At once oddly hyper-self-aware, yet neurotic and traumatized, Tiana's grip on her outwardly perfect life begins to loosen, and Porter smartly depicts Tiana confronting issues and questions many women have as they age. Apart from yearning for fulfillment in work and love, however, Tiana's central query is both a life and career dilemma: "Would I be a different person with a different (physical) image? And who would I become if I did allow myself to age?"

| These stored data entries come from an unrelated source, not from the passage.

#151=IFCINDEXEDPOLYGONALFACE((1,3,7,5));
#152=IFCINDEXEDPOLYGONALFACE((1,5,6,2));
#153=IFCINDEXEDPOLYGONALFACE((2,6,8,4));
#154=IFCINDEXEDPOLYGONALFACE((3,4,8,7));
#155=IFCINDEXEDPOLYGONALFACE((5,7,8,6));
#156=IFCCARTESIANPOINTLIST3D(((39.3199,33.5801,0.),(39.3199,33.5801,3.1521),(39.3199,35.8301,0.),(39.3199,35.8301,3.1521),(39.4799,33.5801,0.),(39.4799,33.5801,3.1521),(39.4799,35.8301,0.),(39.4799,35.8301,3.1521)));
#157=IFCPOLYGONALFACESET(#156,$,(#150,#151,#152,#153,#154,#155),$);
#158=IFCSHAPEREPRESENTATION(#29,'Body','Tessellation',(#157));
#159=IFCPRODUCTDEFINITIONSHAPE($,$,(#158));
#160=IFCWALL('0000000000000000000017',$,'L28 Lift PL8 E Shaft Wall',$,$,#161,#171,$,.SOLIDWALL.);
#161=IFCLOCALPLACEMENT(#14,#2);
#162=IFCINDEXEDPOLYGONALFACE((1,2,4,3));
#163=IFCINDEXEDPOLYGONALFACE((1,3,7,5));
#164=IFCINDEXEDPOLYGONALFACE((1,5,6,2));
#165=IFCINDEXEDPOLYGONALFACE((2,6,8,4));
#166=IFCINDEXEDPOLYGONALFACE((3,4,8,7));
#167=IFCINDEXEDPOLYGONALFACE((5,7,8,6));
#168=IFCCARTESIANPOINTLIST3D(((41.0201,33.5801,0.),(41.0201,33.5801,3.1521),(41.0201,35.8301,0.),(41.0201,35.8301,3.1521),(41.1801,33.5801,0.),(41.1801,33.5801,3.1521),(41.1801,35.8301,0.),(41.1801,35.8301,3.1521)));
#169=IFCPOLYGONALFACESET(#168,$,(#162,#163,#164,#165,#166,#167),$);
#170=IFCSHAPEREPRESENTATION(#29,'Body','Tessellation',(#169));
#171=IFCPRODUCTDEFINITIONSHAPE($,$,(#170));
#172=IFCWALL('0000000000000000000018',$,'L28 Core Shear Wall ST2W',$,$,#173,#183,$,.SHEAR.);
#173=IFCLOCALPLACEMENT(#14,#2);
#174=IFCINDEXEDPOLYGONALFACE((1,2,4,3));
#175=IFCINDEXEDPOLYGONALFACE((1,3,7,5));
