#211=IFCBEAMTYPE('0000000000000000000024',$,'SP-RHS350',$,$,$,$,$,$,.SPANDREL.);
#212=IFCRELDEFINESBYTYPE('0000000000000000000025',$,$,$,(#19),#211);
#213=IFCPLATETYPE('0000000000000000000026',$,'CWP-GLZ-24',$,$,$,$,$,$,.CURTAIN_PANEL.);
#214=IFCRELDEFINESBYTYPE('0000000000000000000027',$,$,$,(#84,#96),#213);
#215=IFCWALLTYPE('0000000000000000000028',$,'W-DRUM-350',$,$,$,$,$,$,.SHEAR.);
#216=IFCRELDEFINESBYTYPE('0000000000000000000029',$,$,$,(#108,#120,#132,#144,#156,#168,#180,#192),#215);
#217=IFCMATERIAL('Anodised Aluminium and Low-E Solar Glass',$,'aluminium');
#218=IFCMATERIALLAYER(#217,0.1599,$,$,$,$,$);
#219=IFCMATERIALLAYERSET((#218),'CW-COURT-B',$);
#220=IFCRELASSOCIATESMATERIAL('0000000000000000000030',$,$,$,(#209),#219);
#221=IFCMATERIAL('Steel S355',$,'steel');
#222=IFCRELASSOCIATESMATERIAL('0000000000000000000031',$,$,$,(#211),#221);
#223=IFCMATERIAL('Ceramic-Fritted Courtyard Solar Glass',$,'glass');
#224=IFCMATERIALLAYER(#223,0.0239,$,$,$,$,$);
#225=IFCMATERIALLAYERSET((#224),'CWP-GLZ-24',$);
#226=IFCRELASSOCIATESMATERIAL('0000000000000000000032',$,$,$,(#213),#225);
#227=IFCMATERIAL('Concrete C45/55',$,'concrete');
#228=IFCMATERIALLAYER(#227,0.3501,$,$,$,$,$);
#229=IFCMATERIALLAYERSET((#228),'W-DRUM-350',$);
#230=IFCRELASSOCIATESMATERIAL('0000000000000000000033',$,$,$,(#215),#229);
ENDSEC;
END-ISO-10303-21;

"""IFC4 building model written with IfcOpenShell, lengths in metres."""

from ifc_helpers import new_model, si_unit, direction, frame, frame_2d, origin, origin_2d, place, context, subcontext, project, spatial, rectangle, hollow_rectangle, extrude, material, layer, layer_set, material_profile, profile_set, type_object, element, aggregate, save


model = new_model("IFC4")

Compounding these struggles is her cloying grief stemming from the death of her reporter husband. But here's the hitch — at various points, the novel asserts both that his death occurred one year and seven years earlier. Thus Porter's novel juggles two very different Tianas — one just a year widowed and raw with grief, and one stunted for the past seven years, living as if she can never love again. This glaring error of authorial confusion makes it tough to believe and reconcile all of Tiana's reactions, motivations, and decisions, as well as resulting plot development.

But as Tiana slowly unearths her secrets, emotions, and vulnerability to save herself and her career, her confession-like, first-person narration brings intimacy and reality to the novel, even though at times Porter fails to edit Tiana's repetitive inner dialogue. The genre-perfect side plot of Tiana's budding romance with a heart-stoppingly charming bad boy/good boy love interest also successfully motors the plot, but beyond romance and the glamour of Hollywood and celebrities, Porter ensures that "Easy on the Eyes" is fortified with a stimulating intellectual and emotional message, strong conscience and pure heart.